Find your taste buds in Oregon – Eugene Part 1

Do your taste buds feel neglected or even shriveled and withered? Are you in need of a culinary experience that is absolutely mind-blowing? Do you like trying out different restaurants to find the perfect combo for a dinner? Here’s my suggestion for a dinner date that is fun, doesn’t restrict you to one place for all evening, and definitely triggers lots of conversation! Welcome to find your taste buds in Eugene, Oregon!

This dinner tour is not about fancy places that will max your credit card and leave you longing for more food. This is about small restaurants that make you smile even if your day has been long and tough and you have only had a minute to freshen up. They invite you to come as you are, because the focus is on food. Delicious food. Tasty food. Food that looks good, smells intoxicating, and tastes divine.

A perfect place to start the evening is Toshi’s Ramen. They serve, hands down, the best ramen in Eugene! The broth is really tasty without being overly salty or pungent, and there are a lot of options to choose from. The place is known for their authentic Japanese ramen (the owner is Japanese, but that’s not why I decided to choose this place for the first stop in this dinner tour. The real deal, this time, are their gyozas, or pot-stickers as some may call them.

Toshi's Ramen(Photo provided by Toshi’s Ramen at http://www.facebook.com)

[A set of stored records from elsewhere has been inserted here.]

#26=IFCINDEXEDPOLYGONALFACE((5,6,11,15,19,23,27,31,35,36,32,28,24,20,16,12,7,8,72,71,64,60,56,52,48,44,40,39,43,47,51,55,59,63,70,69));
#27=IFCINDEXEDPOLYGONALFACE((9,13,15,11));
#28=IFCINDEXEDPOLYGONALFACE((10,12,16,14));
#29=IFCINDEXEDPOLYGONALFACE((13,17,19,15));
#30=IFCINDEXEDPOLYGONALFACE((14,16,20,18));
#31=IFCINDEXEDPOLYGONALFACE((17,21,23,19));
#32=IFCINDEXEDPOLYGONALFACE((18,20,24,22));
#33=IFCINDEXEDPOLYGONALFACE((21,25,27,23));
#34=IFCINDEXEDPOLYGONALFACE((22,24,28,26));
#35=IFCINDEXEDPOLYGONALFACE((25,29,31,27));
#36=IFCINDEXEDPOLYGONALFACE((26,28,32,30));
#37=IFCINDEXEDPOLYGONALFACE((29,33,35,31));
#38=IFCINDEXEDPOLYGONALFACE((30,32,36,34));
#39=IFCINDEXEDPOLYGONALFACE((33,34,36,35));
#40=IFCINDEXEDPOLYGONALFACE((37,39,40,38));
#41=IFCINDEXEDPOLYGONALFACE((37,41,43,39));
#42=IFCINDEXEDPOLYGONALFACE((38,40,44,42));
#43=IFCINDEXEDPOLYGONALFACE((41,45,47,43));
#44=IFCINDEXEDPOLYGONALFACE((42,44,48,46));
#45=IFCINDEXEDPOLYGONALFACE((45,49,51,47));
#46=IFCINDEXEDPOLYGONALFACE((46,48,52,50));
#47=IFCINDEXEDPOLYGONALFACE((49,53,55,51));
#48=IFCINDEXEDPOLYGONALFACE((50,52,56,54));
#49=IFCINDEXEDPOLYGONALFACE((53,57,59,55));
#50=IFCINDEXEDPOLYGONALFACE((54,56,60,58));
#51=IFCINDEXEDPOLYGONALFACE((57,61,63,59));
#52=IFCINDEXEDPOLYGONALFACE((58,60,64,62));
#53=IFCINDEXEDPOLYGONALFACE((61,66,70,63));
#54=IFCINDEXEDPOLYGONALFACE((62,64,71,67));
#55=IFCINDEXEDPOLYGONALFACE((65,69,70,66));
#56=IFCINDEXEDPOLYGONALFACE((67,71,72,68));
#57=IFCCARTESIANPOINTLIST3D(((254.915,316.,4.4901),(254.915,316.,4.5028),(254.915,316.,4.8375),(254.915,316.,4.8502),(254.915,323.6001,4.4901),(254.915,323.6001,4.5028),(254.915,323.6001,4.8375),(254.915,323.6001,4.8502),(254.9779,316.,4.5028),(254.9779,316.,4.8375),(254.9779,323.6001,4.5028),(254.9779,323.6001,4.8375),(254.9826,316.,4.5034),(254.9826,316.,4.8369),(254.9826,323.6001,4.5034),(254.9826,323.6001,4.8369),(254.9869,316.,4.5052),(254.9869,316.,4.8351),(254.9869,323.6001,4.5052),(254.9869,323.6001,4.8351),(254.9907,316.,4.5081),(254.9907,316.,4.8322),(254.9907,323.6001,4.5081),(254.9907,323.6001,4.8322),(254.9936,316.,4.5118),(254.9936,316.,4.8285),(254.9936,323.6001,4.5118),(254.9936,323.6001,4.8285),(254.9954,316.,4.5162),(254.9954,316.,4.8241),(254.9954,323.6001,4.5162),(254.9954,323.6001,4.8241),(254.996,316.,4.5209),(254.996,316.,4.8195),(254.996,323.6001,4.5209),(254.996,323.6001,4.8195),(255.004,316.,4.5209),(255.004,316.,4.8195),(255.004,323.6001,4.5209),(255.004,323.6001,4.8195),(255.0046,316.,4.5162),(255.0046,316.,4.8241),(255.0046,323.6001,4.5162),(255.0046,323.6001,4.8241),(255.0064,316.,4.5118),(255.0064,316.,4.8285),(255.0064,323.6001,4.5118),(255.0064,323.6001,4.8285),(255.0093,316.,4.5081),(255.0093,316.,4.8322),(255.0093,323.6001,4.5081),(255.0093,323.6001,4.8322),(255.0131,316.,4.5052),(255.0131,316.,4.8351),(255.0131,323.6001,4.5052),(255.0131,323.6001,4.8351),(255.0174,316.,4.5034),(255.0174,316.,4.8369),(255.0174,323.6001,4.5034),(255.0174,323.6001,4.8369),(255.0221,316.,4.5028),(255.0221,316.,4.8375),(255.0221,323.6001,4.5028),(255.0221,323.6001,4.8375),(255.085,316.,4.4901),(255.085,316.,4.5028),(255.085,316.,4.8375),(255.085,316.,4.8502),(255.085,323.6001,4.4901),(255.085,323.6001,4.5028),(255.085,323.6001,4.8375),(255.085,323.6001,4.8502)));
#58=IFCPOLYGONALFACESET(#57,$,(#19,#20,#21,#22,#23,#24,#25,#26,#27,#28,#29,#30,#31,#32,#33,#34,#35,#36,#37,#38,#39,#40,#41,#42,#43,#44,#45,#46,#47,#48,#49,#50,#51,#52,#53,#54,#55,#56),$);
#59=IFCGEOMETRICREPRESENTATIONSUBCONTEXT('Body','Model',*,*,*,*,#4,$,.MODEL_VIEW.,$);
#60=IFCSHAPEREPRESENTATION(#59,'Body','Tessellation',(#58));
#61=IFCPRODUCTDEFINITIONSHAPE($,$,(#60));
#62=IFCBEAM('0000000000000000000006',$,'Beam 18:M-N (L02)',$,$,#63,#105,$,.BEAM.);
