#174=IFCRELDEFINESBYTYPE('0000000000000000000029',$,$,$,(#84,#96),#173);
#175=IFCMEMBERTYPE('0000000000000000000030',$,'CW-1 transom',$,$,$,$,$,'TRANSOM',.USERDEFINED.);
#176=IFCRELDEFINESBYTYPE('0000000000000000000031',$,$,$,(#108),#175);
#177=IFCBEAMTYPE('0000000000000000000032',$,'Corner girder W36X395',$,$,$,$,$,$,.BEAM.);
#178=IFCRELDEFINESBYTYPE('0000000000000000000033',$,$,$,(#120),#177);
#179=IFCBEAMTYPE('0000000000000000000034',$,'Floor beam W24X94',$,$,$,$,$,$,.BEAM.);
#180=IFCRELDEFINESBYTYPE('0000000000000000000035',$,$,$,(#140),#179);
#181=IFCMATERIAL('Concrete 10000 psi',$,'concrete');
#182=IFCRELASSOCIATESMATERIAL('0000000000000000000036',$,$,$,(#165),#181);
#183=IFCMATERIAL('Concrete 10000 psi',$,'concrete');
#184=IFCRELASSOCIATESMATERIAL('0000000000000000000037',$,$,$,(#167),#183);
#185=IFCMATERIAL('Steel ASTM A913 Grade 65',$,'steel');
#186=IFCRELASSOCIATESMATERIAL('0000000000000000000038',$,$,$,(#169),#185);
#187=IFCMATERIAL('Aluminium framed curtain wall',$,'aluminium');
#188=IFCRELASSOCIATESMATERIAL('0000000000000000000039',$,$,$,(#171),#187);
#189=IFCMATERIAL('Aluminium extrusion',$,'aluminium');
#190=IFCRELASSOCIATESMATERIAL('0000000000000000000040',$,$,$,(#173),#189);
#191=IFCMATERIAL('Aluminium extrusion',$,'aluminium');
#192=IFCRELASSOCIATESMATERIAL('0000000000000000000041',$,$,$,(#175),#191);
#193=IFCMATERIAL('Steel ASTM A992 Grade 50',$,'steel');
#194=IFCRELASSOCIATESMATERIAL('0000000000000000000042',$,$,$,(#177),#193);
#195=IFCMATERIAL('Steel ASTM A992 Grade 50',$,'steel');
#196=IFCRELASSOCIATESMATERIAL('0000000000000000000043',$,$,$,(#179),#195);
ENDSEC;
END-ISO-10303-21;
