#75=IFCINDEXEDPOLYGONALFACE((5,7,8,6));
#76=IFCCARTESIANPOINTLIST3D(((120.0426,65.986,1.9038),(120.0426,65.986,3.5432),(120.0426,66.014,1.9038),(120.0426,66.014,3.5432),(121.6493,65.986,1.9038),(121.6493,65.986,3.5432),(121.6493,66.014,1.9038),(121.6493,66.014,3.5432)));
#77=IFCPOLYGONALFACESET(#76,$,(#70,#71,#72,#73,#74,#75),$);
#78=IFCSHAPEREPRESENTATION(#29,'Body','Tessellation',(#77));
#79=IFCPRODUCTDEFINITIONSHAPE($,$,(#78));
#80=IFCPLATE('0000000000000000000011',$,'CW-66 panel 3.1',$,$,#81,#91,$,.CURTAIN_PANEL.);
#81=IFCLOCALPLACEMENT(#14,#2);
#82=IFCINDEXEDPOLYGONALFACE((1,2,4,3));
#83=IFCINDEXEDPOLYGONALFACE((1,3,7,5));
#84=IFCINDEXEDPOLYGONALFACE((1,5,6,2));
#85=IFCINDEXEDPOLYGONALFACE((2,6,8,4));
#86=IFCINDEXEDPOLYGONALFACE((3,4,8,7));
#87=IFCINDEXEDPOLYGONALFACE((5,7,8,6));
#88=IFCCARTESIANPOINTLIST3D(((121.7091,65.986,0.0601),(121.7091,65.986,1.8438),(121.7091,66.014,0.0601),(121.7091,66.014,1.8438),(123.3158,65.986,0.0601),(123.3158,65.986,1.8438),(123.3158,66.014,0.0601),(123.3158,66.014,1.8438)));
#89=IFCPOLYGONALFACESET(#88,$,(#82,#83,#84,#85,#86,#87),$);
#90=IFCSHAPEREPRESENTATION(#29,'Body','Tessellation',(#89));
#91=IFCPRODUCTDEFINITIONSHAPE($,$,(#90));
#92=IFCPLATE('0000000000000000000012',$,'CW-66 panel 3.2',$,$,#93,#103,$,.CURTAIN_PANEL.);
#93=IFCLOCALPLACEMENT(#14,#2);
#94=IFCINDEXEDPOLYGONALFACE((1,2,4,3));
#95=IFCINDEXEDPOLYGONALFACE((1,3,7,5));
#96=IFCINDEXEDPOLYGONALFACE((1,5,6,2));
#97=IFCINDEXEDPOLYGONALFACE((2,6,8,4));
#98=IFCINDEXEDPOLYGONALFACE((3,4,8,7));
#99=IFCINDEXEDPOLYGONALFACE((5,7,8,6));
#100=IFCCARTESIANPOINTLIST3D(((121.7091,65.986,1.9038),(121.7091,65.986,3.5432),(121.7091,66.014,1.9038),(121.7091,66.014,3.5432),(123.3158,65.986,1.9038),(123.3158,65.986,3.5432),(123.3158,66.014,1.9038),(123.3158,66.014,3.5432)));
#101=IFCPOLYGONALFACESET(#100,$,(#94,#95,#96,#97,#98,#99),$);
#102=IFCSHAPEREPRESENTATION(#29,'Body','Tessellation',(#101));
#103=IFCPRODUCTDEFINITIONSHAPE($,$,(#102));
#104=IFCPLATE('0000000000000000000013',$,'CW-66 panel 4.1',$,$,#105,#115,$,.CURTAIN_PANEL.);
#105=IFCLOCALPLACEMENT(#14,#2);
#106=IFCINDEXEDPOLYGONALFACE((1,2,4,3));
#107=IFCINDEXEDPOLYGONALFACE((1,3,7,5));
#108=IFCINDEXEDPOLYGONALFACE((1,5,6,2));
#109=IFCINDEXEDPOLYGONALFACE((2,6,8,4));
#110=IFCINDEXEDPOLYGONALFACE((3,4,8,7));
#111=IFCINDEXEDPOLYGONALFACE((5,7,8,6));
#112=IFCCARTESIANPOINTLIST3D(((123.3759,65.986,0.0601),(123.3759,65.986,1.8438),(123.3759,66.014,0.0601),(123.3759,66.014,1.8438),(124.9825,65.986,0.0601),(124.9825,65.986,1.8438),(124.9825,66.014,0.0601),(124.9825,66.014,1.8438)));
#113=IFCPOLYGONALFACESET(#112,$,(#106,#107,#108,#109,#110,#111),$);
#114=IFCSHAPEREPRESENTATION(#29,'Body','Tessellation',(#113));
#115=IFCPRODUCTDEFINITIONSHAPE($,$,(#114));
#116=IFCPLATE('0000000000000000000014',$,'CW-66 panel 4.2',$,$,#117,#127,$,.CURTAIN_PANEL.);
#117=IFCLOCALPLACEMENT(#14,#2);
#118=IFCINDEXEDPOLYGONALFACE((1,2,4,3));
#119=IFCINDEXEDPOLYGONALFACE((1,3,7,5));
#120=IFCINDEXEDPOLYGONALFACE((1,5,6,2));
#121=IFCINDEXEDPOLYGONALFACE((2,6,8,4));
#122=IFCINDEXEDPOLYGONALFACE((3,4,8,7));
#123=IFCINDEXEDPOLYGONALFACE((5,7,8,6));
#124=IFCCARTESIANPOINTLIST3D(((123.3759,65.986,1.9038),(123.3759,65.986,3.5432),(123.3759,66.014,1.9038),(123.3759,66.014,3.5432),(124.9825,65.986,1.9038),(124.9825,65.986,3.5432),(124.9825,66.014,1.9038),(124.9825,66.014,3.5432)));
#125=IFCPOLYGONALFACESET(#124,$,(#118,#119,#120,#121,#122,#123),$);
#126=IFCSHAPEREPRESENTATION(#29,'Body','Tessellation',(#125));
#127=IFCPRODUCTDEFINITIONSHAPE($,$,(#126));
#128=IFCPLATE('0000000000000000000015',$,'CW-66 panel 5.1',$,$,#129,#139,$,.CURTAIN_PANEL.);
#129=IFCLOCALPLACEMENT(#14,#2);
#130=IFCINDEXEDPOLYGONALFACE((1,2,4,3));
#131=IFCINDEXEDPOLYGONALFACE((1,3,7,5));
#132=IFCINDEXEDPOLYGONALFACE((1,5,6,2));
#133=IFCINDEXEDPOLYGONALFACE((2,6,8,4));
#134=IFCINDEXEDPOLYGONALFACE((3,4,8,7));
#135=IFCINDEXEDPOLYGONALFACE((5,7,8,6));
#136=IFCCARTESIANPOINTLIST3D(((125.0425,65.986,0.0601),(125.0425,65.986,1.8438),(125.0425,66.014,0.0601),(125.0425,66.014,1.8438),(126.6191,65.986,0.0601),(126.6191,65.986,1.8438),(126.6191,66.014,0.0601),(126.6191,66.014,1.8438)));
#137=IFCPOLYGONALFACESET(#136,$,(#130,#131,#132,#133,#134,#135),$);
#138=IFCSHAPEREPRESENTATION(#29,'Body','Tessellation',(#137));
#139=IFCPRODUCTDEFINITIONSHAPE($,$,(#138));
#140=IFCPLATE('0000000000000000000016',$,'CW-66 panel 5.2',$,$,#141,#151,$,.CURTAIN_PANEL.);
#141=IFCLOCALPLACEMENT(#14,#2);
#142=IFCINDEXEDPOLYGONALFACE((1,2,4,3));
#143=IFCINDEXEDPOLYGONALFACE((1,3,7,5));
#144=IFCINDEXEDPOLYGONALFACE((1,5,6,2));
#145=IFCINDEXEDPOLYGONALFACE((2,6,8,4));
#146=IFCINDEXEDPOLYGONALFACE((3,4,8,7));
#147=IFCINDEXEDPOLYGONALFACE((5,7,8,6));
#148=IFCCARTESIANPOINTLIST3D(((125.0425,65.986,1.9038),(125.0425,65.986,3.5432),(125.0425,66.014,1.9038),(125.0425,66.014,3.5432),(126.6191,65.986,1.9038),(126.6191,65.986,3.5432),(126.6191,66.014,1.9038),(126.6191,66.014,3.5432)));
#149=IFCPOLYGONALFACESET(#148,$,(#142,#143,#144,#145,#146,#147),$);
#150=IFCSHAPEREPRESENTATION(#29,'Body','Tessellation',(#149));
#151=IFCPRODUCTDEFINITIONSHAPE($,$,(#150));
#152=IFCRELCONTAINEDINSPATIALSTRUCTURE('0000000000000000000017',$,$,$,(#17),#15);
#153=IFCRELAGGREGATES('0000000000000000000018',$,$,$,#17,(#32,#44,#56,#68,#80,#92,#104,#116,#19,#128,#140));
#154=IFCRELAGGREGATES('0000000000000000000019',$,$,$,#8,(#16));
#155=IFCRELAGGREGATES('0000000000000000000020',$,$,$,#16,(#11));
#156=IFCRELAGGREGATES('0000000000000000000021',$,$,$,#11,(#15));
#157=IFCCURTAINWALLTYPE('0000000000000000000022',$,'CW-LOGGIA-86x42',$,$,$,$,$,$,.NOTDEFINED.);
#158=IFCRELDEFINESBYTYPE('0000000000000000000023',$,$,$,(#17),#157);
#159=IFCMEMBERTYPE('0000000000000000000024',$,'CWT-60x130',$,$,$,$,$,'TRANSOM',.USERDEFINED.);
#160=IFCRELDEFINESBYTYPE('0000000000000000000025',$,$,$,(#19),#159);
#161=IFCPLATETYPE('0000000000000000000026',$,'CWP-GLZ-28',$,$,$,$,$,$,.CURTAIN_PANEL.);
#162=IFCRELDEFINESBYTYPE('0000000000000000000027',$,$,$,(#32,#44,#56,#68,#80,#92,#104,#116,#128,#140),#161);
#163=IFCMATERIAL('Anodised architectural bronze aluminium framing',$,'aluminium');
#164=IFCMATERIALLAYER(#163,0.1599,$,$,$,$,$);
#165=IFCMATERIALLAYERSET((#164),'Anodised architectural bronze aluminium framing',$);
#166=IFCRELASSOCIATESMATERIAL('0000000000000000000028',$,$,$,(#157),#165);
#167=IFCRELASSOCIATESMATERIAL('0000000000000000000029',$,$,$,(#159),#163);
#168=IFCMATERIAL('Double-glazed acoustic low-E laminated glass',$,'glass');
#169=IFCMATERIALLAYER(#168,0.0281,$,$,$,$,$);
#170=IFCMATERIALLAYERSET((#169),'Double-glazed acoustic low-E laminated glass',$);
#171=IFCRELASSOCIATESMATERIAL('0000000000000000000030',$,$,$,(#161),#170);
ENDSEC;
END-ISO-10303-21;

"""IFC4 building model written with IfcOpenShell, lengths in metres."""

The gyozas are to die for. They are prepared exactly right, and the combination of flavors is perfect. The waiters and waitresses are really friendly and teach you how to make the right kind of a dipping sauce to match the desires of your palate. I have seen a lot of people get just one order of them, but after sharing the plate of 6 gyozas they have ordered another one. The place is so popular that it can get crowded sometimes, so having to wait for your order for 20 minutes is not rare. A laid-back attitude and a flexible timetable is a must.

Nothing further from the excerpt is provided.